Мое детство дома часто было очень печальным. Моя мать, оставшаяся вдовой в двадцать восемь лет с двумя детьми, моей сестрой и мной, была убита горем. Немногие годы ее замужней жизни были самыми яркими и блестящими. Мой отец был восходящим поэтом, и такова была его популярность, что он мог потакать своим вкусам, как ему нравилось, будь то путешествия или превращение своего дома в приятный центр общественной жизни. Современники и друзья моего отца, особенно барон Симолин, очень близкий друг, который провел Рождество 1825 года в нашем доме, писали о яркой веселости, о чистосердечном наслаждении жизнью, которое царило там, и рассказывали, как, хотя его доход был, мягко говоря, небольшим, дом Вильгельма Мюллера был местом сбора всего культурного, научного и художественного общества Дессау, которое чувствовало себя привлеченным простым и непринужденным, но поистине гениальным нравом хозяина дома.

Было бы интересно узнать, сколько автор мог заработать в то время своим пером. Издатели, по-видимому, были тогда гораздо щедрее, чем сейчас. Обстоятельства были иными. Писателей, конечно, было гораздо меньше, а продажи по-настоящему популярных книг, вероятно, гораздо выше. Как бы то ни было, мой отец, чье жалованье было ничтожным, по-видимому, мог наслаждаться немногими годами своей семейной жизни в большом комфорте. Мысль о том, чтобы откладывать деньги, однако, похоже, никогда не приходила в его поэтическую голову, и после его неожиданной смерти от паралича сердца выяснилось, что для его семьи почти ничего не было обеспечено. Даже страхование жизни, обязательное для каждого государственного служащего, и пенсия, пожалованная герцогом, давали моей матери лишь очень небольшой доход — баснословно малый, если учесть, что ей нужно было растить на него двоих детей.

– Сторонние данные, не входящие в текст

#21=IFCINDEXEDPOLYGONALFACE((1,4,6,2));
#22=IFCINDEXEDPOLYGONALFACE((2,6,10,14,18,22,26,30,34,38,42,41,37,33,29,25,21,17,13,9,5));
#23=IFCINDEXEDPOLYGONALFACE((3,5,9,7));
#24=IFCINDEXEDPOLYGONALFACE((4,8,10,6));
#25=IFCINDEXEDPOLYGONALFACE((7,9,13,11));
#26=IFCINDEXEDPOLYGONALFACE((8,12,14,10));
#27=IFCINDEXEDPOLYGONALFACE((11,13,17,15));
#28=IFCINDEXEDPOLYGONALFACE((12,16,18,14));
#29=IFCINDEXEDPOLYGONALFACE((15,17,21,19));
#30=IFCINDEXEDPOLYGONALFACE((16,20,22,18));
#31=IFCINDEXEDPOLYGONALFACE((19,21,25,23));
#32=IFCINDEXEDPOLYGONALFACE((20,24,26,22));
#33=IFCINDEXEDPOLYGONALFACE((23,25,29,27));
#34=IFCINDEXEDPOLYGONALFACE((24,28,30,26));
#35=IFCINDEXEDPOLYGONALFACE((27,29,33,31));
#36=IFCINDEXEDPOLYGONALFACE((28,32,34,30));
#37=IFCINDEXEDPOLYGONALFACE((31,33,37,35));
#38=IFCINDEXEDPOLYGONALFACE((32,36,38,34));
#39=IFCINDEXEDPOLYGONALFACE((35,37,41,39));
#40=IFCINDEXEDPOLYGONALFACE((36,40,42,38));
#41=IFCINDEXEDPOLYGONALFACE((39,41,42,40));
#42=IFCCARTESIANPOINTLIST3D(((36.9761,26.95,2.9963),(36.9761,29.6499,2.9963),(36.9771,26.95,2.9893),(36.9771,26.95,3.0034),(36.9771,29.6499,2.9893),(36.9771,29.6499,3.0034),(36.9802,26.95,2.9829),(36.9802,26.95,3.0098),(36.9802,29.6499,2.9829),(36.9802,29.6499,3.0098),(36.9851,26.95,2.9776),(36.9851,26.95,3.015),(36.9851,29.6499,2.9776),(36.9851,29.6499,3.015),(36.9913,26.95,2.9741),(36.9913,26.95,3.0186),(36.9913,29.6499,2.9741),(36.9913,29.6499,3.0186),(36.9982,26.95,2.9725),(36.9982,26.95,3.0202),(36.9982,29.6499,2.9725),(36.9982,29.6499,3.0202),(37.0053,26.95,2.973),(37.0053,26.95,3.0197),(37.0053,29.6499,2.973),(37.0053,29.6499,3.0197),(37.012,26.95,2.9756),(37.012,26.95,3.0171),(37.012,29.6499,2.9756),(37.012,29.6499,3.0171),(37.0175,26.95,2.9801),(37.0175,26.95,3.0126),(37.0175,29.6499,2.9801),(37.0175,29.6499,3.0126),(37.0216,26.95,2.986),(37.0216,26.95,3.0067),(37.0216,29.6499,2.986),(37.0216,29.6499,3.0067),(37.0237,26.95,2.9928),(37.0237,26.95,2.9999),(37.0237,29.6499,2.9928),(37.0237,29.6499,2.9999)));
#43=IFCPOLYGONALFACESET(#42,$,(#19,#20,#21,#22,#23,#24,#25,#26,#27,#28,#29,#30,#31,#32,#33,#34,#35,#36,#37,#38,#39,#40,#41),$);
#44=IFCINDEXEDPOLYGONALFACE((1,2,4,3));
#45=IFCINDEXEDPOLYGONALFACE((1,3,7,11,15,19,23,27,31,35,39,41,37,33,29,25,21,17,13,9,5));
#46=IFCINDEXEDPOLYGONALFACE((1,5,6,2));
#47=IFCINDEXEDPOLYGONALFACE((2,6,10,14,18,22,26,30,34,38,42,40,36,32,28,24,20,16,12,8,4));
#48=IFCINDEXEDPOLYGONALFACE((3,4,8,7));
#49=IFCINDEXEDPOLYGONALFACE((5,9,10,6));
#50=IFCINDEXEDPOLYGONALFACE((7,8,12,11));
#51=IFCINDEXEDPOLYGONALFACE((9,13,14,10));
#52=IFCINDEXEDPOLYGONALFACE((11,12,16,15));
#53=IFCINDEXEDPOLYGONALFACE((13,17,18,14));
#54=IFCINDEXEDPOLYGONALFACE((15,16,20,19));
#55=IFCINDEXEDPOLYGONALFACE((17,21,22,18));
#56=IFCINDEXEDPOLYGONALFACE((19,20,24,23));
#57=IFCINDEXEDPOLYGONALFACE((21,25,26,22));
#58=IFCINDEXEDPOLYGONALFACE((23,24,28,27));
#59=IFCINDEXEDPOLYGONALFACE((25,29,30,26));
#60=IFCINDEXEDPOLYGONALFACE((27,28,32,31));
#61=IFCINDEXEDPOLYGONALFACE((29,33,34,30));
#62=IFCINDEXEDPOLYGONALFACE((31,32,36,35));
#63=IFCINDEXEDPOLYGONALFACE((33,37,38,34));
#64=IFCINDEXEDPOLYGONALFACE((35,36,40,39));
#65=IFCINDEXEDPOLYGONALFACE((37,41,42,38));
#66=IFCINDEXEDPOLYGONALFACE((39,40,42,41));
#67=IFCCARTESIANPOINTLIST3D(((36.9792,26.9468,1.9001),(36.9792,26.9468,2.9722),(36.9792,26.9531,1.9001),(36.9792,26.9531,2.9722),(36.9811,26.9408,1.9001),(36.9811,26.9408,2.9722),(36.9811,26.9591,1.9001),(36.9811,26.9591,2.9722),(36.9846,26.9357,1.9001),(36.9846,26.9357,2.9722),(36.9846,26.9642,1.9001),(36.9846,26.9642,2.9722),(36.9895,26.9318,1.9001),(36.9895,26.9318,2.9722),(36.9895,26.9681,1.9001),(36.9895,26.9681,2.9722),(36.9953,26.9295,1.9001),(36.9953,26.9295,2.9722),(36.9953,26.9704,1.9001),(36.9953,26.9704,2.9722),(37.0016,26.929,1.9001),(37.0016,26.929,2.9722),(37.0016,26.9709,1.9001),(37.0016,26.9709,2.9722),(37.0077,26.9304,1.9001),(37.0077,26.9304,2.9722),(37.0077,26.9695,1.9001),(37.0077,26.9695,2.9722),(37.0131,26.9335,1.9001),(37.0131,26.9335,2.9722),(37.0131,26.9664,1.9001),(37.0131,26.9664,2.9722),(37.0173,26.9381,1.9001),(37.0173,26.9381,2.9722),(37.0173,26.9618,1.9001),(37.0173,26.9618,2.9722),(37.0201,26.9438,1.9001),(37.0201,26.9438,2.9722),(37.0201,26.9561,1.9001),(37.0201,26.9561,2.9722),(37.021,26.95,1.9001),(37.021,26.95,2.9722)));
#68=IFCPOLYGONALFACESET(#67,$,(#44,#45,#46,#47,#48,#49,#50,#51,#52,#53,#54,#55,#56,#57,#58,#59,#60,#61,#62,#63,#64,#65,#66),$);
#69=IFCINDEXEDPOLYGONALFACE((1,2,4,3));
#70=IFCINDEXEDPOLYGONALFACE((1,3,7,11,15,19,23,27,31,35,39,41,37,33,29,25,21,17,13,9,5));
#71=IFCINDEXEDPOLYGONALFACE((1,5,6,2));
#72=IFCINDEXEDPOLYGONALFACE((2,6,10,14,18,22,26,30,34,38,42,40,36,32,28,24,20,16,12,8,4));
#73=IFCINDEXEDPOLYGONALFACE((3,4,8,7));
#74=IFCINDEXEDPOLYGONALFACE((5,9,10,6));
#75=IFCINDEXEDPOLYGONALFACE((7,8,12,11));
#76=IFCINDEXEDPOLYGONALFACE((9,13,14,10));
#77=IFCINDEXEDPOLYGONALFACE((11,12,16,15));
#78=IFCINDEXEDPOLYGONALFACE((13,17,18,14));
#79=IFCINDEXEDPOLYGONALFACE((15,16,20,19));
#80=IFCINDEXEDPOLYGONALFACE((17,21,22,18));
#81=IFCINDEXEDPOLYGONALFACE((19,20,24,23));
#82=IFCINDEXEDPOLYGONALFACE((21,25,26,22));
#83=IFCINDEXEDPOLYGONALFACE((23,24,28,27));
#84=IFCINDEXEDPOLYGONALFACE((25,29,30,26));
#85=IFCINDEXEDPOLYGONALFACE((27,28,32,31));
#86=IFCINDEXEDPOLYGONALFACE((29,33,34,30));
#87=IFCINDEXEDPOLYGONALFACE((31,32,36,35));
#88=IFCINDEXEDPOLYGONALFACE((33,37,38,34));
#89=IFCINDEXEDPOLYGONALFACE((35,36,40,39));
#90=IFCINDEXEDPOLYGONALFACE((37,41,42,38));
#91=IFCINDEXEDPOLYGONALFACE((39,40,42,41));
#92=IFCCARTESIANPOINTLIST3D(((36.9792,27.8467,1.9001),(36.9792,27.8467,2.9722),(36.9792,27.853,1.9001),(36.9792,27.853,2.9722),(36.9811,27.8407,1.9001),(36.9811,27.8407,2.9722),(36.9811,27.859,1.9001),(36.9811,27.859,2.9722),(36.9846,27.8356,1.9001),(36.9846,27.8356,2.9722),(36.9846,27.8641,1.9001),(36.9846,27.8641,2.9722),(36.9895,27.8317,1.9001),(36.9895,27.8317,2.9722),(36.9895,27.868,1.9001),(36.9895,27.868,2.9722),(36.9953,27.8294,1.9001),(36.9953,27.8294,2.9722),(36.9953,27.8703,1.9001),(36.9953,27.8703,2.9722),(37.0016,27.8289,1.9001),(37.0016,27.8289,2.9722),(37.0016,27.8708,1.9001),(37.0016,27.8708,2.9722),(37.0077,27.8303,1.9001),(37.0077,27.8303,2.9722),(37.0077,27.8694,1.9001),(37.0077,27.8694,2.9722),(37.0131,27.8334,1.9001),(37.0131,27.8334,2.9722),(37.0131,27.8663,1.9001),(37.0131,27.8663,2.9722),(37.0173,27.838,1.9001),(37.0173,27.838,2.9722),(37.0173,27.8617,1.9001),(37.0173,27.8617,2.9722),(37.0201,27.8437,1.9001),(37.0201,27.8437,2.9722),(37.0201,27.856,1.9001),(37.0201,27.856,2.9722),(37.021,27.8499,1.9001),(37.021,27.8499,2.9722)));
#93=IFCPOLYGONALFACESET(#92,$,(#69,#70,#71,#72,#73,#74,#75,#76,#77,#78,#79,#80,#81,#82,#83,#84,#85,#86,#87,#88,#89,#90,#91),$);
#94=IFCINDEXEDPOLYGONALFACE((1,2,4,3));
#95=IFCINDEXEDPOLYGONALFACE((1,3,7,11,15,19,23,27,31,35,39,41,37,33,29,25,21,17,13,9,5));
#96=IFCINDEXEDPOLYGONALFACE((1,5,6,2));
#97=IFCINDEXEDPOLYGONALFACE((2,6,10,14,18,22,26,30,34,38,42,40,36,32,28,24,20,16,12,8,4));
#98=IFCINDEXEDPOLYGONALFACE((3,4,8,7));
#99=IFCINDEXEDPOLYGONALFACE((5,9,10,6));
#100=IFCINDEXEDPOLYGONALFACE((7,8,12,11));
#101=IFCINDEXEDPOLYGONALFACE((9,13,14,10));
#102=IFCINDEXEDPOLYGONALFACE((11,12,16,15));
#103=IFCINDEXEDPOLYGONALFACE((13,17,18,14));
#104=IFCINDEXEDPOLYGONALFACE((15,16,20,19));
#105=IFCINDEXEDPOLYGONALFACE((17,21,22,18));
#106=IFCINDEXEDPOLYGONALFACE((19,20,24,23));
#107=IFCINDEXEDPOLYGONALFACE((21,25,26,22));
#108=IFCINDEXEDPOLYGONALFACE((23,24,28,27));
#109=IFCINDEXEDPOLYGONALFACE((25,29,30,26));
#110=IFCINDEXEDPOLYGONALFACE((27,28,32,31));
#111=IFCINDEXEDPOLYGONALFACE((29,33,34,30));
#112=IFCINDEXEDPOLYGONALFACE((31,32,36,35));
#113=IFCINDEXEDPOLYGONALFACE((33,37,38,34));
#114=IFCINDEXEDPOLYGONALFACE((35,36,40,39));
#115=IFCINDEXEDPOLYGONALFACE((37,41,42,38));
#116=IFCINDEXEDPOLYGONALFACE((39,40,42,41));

С тех пор для меня остается загадкой, как ей это удавалось.

Тем не менее, это удавалось, и это было возможно только в таком маленьком городке, как Дессау, где образование было столь же хорошим, сколь и дешевым, и где общество не ожидало слишком многого. Мы должны также принять во внимание очень низкие цены, которые тогда царили в Дессау на почти все предметы первой необходимости. Из старых газет я вижу, что говядина продавалась примерно по три пенса за фунт (два гроша), баранина — примерно по два пенса. Вино продавалось по семь-восемь грошей за бутылку, сорта получше — по двенадцать-четырнадцать грошей (грош равнялся примерно пенни). Люди пили в основном пиво, которое продавалось под государственным надзором по два-три гроша за кварту. Рыба была столь же дешевой, и в начале века лосося, выловленного в Эльбе, а также в Мульде у Дессау, было так много, что, как и в Шотландии, было оговорено, что слуг не следует кормить лососем чаще двух-трех раз в неделю. Самая низкая цена на лосося составляла тогда два с половиной пенса за фунт. Мальчиком я помню, как видел, что лососи в огромном количестве перепрыгивали через плотину прямо в городе Дессау, и хотя они проплыли так много миль вглубь страны, рыба была очень хорошей, хотя и не такой, как лосось из Северна. Дичь также была очень дешевой и продавалась не намного дороже баранины, более того, временами ее отдавали даром; ее нельзя было вывозить. Зерно продавалось по три шиллинга за шеффель, и под зерном в основном подразумевалась рожь. Никто не ел пшеничный хлеб, поэтому хлеб называли серым и черным. Белый хлеб ели только с кофе, а крестьяне в деревнях не притронулись бы к нему, потому что считалось, что он не дает таких крепких костей, как ржаной хлеб. При таких ценах мы можем понять, что жалованье в 300 фунтов стерлингов считалось достаточным для высших государственных чиновников.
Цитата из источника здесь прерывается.